環境立国への道 −真の景気回復とは−

H11.1.6 古津年章

 

終戦後、我々の先輩は廃虚の中から立ち上がり、日本再建のための努力を重ねた結果、日本は今日のような経済大国となった。現在の豊かさはこれら先輩のおかげである。しかしながら、これまでの努力は経済的な豊かさの追求に重点が置かれ、経済的な効率向上が重視された結果、今日見られる様々な社会的歪みが深刻化する弊害を招いた。それらの歪みで最も大きな問題として、利益誘導型政治による国家運営、国のビジョンの喪失、精神的教育の軽視などが挙げられる。
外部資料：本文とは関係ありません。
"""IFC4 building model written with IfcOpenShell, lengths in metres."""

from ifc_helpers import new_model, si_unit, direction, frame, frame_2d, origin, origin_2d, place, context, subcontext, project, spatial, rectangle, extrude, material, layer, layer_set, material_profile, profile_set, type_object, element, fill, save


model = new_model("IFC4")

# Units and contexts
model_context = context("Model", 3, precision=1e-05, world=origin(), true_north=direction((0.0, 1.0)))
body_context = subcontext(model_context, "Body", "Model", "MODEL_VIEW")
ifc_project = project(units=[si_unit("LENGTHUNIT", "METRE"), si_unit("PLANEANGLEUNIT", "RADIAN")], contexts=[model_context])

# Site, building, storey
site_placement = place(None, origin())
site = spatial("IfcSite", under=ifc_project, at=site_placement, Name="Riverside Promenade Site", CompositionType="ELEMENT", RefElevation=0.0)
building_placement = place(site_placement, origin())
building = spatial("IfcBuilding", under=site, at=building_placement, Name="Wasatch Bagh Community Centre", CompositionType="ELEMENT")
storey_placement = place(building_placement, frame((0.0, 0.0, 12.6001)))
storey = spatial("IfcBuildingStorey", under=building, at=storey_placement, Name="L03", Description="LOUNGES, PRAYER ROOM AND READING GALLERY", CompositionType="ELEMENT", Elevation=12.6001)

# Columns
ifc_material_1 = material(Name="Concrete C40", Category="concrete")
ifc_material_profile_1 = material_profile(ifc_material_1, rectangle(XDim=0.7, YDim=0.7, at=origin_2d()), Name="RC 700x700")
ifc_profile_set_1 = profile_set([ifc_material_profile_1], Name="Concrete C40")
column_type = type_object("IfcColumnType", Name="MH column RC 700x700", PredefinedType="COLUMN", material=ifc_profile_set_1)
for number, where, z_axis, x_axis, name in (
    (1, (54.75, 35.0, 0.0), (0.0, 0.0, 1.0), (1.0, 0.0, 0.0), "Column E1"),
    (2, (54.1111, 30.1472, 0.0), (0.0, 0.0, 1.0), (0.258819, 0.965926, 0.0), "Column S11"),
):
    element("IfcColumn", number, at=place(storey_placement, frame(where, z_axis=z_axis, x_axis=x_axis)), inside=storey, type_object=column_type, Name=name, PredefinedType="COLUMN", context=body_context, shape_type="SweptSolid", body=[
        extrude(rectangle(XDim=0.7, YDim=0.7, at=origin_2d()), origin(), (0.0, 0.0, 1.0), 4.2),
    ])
科学技術は、経済的効率の向上に大きな貢献を行ったが、残念ながら、これらの歪みの解決にはほとんど寄与して来なかった。更に科学技術が余りにもハイテク化した結果、その開発に莫大な費用がかかるばかりか、誰もその全貌もその将来も予測できず、単に巨額の開発費を吸収し続ける、実態を生んだ。

上のような諸問題の帰着として、地域規模から地球規模へまたがる環境問題が発生した。その解決には多くの努力が傾注されてきたが、経済至上主義社会の力の前には、あくまでも二次的なものとして扱われてきた。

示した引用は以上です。